Michoacán celebró su XVI Encuentro de Cocineras Tradicionales

Por Evelyn Castro

Más de 48 cocineros y cocineras provenientes de distintas regiones de Michoacán se unieron para conquistar el paladar de los exploradores de la cocina tradicional.

En el décimo sexto encuentro, que se llevó a cabo del 15 al 17 de marzo, se ofrecieron cerca de 240 platillos autóctonos. Entre los más destacados, desfilaron Corundas, Churipo de res, Mole con conejo, Tacos de charal, Atapakua —un mole espesado con maíz— de cerdo; guisos a base de aguacate, Capirotada, buñuelos, los tradicionales Uchepos, variedad de atoles y, por primera vez en este acto, la olla podrida.

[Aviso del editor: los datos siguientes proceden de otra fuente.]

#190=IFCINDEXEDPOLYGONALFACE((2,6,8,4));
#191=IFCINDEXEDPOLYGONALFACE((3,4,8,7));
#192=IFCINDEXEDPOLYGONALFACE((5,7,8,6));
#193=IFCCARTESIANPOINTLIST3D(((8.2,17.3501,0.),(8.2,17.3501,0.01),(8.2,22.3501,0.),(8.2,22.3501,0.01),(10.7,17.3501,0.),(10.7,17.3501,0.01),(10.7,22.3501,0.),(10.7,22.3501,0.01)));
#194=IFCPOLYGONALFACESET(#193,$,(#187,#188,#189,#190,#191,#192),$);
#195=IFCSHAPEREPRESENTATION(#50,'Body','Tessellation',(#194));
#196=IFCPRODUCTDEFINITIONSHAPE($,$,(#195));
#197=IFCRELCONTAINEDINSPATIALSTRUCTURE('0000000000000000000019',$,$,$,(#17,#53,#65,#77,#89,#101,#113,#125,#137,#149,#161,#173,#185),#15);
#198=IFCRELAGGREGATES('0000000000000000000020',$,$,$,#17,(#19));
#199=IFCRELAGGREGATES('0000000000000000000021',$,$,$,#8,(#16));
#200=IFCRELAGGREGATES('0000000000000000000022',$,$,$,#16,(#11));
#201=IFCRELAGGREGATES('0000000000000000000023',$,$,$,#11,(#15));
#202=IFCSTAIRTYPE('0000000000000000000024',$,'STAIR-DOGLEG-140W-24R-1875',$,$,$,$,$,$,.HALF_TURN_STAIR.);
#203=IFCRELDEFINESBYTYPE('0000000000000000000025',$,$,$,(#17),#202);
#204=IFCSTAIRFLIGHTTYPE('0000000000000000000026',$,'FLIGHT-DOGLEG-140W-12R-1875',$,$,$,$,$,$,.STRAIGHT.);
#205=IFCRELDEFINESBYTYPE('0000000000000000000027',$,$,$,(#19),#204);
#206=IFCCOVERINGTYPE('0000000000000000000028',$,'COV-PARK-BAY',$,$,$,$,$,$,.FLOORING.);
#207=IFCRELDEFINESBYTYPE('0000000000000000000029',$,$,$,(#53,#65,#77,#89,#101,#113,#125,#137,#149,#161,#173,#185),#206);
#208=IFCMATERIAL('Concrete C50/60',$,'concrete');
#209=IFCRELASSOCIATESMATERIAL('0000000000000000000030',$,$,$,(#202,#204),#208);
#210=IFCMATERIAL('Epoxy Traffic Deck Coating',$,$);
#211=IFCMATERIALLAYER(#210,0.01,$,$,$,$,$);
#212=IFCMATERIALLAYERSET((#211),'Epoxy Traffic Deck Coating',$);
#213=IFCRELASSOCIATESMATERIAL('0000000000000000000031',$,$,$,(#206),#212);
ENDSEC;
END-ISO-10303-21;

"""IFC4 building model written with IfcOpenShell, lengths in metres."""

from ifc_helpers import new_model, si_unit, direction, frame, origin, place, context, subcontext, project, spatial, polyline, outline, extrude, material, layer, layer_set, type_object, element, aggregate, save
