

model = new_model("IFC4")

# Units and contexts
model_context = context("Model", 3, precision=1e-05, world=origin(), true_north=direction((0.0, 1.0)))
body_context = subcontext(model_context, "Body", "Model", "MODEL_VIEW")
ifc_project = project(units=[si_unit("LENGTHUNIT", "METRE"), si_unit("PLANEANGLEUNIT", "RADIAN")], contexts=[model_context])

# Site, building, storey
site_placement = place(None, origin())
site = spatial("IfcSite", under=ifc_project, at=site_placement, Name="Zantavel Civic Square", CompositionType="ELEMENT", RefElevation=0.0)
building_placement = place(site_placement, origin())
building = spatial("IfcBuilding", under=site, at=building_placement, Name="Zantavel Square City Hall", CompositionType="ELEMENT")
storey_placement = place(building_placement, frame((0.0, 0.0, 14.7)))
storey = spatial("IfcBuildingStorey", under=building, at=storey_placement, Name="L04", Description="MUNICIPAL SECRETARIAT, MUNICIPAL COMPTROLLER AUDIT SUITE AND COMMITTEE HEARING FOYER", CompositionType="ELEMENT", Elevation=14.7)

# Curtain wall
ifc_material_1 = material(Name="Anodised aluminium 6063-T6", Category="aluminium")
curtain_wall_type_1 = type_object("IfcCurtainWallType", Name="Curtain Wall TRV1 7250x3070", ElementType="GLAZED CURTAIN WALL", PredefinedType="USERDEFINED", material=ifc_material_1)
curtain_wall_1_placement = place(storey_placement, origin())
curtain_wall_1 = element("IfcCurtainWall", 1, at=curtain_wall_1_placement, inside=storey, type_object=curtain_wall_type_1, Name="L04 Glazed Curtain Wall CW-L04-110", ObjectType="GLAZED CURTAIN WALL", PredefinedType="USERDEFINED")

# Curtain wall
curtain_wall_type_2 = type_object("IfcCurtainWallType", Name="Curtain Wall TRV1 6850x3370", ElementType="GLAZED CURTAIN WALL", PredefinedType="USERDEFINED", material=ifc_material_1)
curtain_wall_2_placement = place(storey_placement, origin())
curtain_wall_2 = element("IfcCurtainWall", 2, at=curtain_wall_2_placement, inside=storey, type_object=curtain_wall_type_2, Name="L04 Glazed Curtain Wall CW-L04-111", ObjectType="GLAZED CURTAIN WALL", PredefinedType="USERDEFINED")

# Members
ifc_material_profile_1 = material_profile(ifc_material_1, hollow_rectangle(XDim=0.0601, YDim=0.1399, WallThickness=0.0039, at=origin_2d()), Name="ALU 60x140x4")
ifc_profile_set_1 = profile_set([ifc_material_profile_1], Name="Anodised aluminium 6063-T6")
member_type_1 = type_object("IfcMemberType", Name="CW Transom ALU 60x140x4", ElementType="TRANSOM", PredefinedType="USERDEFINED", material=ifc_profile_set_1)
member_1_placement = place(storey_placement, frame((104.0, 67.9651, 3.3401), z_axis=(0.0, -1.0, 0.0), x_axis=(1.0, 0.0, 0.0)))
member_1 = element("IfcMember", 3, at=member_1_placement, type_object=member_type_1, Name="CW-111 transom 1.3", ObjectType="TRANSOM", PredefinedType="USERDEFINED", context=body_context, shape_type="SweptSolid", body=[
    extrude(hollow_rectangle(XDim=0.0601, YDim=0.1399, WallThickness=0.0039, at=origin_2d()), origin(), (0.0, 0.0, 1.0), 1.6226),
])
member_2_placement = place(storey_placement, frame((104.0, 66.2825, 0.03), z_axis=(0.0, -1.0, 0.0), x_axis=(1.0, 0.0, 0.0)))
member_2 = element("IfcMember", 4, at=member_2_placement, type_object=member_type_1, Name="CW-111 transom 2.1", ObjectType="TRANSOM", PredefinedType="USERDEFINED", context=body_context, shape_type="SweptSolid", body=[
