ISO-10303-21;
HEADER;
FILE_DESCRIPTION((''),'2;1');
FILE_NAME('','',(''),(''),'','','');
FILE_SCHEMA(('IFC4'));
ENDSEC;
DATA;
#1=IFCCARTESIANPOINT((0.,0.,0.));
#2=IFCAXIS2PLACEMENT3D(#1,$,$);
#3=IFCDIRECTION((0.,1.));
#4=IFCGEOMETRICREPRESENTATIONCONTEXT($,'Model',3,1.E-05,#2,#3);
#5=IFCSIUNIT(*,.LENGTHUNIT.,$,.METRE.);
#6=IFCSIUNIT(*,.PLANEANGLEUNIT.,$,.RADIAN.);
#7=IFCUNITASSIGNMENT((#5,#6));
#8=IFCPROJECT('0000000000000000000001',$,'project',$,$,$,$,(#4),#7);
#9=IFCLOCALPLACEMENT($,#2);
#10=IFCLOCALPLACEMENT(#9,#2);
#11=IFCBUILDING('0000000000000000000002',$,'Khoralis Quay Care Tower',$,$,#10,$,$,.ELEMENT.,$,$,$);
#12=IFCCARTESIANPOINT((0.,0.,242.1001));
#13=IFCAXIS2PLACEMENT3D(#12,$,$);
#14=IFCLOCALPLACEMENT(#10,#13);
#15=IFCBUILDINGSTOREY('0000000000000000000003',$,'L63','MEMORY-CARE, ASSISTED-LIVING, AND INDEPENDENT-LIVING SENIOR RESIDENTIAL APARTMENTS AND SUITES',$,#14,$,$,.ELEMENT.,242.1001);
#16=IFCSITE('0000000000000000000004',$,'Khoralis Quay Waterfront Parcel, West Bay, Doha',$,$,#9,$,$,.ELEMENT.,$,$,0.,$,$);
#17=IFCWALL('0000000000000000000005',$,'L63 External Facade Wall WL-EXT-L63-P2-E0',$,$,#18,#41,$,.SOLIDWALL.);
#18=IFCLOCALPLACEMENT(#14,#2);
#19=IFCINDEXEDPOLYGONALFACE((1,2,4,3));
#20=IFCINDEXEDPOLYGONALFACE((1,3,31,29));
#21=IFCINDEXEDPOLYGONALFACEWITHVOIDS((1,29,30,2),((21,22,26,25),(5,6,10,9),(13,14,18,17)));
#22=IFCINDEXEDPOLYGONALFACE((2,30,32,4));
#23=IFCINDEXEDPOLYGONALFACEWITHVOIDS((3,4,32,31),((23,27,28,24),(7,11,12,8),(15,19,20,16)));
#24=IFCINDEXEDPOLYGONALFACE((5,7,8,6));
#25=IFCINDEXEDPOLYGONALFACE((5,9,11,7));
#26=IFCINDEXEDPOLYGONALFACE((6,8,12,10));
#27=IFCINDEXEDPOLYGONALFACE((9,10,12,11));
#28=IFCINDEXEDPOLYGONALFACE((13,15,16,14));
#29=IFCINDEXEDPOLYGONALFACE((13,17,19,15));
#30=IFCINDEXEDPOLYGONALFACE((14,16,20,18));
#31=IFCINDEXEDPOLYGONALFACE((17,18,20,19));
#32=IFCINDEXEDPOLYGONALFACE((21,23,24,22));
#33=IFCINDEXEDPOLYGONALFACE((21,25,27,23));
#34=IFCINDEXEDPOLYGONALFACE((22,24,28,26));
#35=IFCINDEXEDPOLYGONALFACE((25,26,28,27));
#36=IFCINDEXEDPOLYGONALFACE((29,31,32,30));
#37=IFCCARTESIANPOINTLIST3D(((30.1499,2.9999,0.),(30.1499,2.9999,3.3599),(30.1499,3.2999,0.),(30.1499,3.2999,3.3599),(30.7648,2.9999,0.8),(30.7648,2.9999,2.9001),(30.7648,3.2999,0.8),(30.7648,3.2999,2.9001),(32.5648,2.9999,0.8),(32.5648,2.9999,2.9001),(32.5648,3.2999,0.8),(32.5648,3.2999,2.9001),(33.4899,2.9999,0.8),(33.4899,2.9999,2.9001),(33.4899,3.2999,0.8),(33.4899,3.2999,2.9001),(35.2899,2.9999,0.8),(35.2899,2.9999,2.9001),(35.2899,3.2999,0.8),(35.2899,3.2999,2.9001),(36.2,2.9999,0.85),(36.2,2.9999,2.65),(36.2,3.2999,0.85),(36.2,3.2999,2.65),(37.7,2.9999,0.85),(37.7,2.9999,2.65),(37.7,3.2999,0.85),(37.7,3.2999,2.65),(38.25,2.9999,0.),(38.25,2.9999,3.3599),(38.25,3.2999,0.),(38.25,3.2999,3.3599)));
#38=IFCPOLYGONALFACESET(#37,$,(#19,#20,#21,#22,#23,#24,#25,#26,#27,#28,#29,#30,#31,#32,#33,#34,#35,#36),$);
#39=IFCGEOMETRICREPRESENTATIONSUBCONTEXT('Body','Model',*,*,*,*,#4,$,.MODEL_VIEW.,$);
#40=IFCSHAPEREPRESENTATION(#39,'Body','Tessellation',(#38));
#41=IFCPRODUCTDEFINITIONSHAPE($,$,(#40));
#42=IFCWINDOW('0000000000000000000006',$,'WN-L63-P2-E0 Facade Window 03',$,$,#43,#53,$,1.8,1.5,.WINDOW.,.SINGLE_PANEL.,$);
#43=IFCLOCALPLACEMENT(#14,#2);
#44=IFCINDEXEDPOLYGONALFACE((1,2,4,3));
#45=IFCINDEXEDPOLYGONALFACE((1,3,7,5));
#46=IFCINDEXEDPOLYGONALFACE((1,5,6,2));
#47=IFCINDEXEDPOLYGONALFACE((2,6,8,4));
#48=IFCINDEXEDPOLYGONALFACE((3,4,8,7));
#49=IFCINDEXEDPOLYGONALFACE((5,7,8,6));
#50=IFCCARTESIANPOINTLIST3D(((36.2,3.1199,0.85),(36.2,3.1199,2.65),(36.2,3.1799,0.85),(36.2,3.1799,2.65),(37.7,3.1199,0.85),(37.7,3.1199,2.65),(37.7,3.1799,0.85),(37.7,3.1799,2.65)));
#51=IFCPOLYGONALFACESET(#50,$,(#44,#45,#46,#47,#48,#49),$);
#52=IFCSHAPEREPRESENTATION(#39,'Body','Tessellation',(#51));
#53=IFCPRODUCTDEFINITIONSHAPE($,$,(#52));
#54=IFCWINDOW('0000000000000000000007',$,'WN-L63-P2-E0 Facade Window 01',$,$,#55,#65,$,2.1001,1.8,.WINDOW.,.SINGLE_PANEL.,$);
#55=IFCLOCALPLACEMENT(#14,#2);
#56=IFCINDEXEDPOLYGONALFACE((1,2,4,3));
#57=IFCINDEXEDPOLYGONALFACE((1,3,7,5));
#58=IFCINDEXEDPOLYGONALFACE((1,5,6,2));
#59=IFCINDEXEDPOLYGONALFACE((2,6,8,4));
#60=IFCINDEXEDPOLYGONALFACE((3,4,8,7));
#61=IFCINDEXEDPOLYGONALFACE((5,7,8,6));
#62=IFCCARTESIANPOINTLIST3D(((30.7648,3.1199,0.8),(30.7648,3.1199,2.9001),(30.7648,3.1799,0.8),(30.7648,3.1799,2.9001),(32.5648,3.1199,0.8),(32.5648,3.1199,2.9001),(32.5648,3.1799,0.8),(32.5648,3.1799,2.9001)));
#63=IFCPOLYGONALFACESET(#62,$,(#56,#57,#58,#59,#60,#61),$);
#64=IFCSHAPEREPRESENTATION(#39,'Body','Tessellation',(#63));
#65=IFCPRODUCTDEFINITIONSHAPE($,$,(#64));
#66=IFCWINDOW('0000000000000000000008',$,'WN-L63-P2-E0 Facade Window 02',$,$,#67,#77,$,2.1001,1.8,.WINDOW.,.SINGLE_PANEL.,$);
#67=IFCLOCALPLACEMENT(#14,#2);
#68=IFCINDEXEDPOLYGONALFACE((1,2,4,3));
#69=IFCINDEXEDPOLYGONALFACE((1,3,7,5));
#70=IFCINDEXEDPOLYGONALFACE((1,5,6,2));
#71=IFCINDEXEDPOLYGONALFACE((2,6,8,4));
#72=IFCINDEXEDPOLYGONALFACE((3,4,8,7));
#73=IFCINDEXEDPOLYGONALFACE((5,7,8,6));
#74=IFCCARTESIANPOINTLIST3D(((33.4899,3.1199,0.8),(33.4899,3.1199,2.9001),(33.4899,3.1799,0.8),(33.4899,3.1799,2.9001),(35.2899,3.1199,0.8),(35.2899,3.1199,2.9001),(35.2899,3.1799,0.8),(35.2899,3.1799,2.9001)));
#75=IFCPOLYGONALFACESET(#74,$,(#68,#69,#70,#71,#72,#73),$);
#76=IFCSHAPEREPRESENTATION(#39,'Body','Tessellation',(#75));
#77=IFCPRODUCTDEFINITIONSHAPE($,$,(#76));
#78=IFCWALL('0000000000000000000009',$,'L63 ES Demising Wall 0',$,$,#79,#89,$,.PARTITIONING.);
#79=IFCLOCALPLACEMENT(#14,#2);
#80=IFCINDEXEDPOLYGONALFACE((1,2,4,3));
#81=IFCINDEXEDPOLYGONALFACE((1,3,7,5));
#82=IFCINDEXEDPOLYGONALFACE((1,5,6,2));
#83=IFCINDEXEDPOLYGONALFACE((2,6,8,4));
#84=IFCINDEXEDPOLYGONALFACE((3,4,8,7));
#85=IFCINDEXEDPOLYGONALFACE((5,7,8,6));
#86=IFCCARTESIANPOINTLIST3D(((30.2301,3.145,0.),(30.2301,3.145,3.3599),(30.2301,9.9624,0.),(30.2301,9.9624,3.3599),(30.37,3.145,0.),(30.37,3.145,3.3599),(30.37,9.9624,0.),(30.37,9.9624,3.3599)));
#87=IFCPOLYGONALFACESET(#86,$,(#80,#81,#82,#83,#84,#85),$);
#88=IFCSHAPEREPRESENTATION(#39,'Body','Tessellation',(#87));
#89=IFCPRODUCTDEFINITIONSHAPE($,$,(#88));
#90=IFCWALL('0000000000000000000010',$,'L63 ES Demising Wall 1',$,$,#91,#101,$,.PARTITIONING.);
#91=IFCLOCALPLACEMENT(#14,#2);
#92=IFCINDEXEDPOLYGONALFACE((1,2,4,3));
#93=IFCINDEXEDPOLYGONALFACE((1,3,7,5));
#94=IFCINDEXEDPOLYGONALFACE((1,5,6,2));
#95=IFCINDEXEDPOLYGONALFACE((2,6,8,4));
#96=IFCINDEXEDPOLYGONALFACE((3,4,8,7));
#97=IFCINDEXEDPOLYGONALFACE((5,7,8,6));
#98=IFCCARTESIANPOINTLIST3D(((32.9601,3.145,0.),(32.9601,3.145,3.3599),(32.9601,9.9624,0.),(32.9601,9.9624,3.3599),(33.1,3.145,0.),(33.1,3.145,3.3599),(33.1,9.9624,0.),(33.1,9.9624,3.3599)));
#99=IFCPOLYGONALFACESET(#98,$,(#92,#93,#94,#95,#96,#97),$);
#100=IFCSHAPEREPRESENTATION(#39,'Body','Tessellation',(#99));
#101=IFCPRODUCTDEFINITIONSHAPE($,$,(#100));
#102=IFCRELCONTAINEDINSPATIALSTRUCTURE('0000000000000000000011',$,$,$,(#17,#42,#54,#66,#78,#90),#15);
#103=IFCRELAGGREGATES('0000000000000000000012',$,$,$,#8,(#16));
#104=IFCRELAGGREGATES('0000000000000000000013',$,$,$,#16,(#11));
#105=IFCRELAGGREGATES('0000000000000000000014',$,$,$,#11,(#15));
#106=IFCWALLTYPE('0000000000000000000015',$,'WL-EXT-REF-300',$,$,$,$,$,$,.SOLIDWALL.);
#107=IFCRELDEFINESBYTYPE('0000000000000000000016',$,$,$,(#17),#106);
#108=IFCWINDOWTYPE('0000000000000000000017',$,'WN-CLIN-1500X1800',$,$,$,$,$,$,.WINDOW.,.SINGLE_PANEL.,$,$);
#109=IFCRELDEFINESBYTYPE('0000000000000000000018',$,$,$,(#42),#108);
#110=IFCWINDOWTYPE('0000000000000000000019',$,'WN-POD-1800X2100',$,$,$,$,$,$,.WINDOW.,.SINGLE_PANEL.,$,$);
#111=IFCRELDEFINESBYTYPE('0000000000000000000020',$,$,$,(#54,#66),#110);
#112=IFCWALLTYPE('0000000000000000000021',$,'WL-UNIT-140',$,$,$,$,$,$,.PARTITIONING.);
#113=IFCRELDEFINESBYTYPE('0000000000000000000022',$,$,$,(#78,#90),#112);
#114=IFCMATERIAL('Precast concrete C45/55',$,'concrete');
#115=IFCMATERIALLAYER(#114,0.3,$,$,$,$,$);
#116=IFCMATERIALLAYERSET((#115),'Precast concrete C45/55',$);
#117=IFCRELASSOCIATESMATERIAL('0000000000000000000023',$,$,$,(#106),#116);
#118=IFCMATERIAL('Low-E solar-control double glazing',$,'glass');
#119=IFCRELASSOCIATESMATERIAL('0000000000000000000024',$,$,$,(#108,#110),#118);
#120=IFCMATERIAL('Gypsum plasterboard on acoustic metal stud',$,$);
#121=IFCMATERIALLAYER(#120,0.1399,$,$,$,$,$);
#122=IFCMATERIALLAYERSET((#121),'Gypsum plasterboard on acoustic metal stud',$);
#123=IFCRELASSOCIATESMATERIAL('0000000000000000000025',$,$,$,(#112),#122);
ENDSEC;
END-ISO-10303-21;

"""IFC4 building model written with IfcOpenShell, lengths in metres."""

from ifc_helpers import new_model, si_unit, direction, frame, frame_2d, origin, place, context, subcontext, project, spatial, rectangle, extrude, source, transform, mapped, material, layer, layer_set, type_object, element, fill, save


model = new_model("IFC4")

# Units and contexts
model_context = context("Model", 3, precision=1e-05, world=origin(), true_north=direction((0.0, 1.0)))
body_context = subcontext(model_context, "Body", "Model", "MODEL_VIEW")
ifc_project = project(units=[si_unit("LENGTHUNIT", "METRE"), si_unit("PLANEANGLEUNIT", "RADIAN")], contexts=[model_context])

# Site, building, storey
site_placement = place(None, origin())
site = spatial("IfcSite", under=ifc_project, at=site_placement, Name="Khoralis Quay Waterfront Parcel, West Bay, Doha", CompositionType="ELEMENT", RefElevation=0.0)
building_placement = place(site_placement, origin())
building = spatial("IfcBuilding", under=site, at=building_placement, Name="Khoralis Quay Care Tower", CompositionType="ELEMENT")
storey_placement = place(building_placement, frame((0.0, 0.0, 242.1001)))
storey = spatial("IfcBuildingStorey", under=building, at=storey_placement, Name="L63", Description="MEMORY-CARE, ASSISTED-LIVING, AND INDEPENDENT-LIVING SENIOR RESIDENTIAL APARTMENTS AND SUITES", CompositionType="ELEMENT", Elevation=242.1001)

# Shared definitions
ifc_material_1 = material(Name="Low-E solar-control double glazing", Category="glass")

# Wall, openings, windows
ifc_material_2 = material(Name="Precast concrete C45/55", Category="concrete")
ifc_layer_1 = layer(ifc_material_2, 0.3)
ifc_layer_set_1 = layer_set([ifc_layer_1], Name="Precast concrete C45/55")
wall_type_1 = type_object("IfcWallType", Name="WL-EXT-REF-300", PredefinedType="SOLIDWALL", material=ifc_layer_set_1)
wall_placement = place(storey_placement, frame((30.1499, 3.1499, 0.0), z_axis=(0.0, 0.0, 1.0), x_axis=(1.0, 0.0, 0.0)))
wall = element("IfcWall", 1, at=wall_placement, inside=storey, type_object=wall_type_1, Name="L63 External Facade Wall WL-EXT-L63-P2-E0", PredefinedType="SOLIDWALL", context=body_context, shape_type="SweptSolid", body=[
    extrude(rectangle(XDim=8.1001, YDim=0.3, at=frame_2d((4.05, 0.0))), origin(), (0.0, 0.0, 1.0), 3.3599),
])
opening_1_placement = place(wall_placement, frame((0.615, 0.0, 0.8)))
opening_1 = element("IfcOpeningElement", 2, at=opening_1_placement, cuts=wall, PredefinedType="OPENING", context=body_context, shape_type="SweptSolid", body=[
    extrude(rectangle(XDim=1.8, YDim=2.1001, at=frame_2d((0.8999, 1.05))), frame((0.0, 0.1602, 0.0), z_axis=(0.0, -1.0, 0.0), x_axis=(1.0, 0.0, 0.0)), (0.0, 0.0, 1.0), 0.3201),
])
opening_2_placement = place(wall_placement, frame((3.3401, 0.0, 0.8)))
opening_2 = element("IfcOpeningElement", 3, at=opening_2_placement, cuts=wall, PredefinedType="OPENING", context=body_context, shape_type="SweptSolid", body=[
    extrude(rectangle(XDim=1.8, YDim=2.1001, at=frame_2d((0.8999, 1.05))), frame((0.0, 0.1602, 0.0), z_axis=(0.0, -1.0, 0.0), x_axis=(1.0, 0.0, 0.0)), (0.0, 0.0, 1.0), 0.3201),
])
opening_3_placement = place(wall_placement, frame((6.05, 0.0, 0.8501)))
opening_3 = element("IfcOpeningElement", 4, at=opening_3_placement, cuts=wall, PredefinedType="OPENING", context=body_context, shape_type="SweptSolid", body=[
    extrude(rectangle(XDim=1.5, YDim=1.8, at=frame_2d((0.75, 0.8999))), frame((0.0, 0.1602, 0.0), z_axis=(0.0, -1.0, 0.0), x_axis=(1.0, 0.0, 0.0)), (0.0, 0.0, 1.0), 0.3201),
])
window_type_1 = type_object("IfcWindowType", Name="WN-CLIN-1500X1800", PartitioningType="SINGLE_PANEL", PredefinedType="WINDOW", material=ifc_material_1)
shared_shape_1 = source(origin(), body_context, "Body", "SweptSolid", [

Además de promover el turismo y fomentar la gastronomía michoacana, el festival galardonó once platillos de cuatro distintas categorías: Mejor platillo de temporada de cuaresma (certamen presidido por ocho maestras cocineras); Mejor platillo de temporada de cuaresma (de cocineras tradicionales); Platillo Tradicional de rescate — cuyas recetas están por extinguirse y fueron retomadas en este encuentro para su difusión—; el Mejor platillo de fiesta, y los platillos de votación popular, éstos últimos a elección de los asistentes.

“El fuego sólo me obedece a mí”

Sin parar, desde temprana hora del primer día del encuentro, las cocineras y cocineros michoacanos, acompañados de sus familiares y jóvenes aprendices de la carrera de Gastronomía en la Universidad de Morelia, alistaban sus platillos para iniciar con la venta y, además, ganarse la aprobación de los 11 jueces encargados de definir los resultados de la premiación.

Como quien dirige una orquesta, las cocineras daban instrucciones a todos los participantes en el encuentro. Algunas, sin saber leer ni escribir, dictaban los nombres y precios de los platillos a los estudiantes para que éstos los exhibieran en las pizarras. Otras se hacían cargo de lo suyo y alistaban la salsa de molcajete.

 “El fuego solamente me obedece a mí”, decía entre risas la maestra Cecilia Bernabé, de Uruapan, mientras introducía leña en un anafre para calentar churipo de res.

“Soy huérfana desde los tres años y mi abuela no quería que yo fuera cocinera. Quería que fuera profesionista, pero nunca me ha gustado estudiar. Un día la convencí, y sólo de verla aprendí: a los seis años hice mi primer guisado”, agregó mientras sorteaba el fuego.

Había quienes, con más dedicación, enseñaron a sus hijas y nietas todo sobre el oficio. Entre ellas, Amparo Cervantes, de Tzuntumútaro, Pátzcuaro, quien confesó que a sus 82 años “ya le cuesta más trabajo”, además de que perdió parcialmente la vista.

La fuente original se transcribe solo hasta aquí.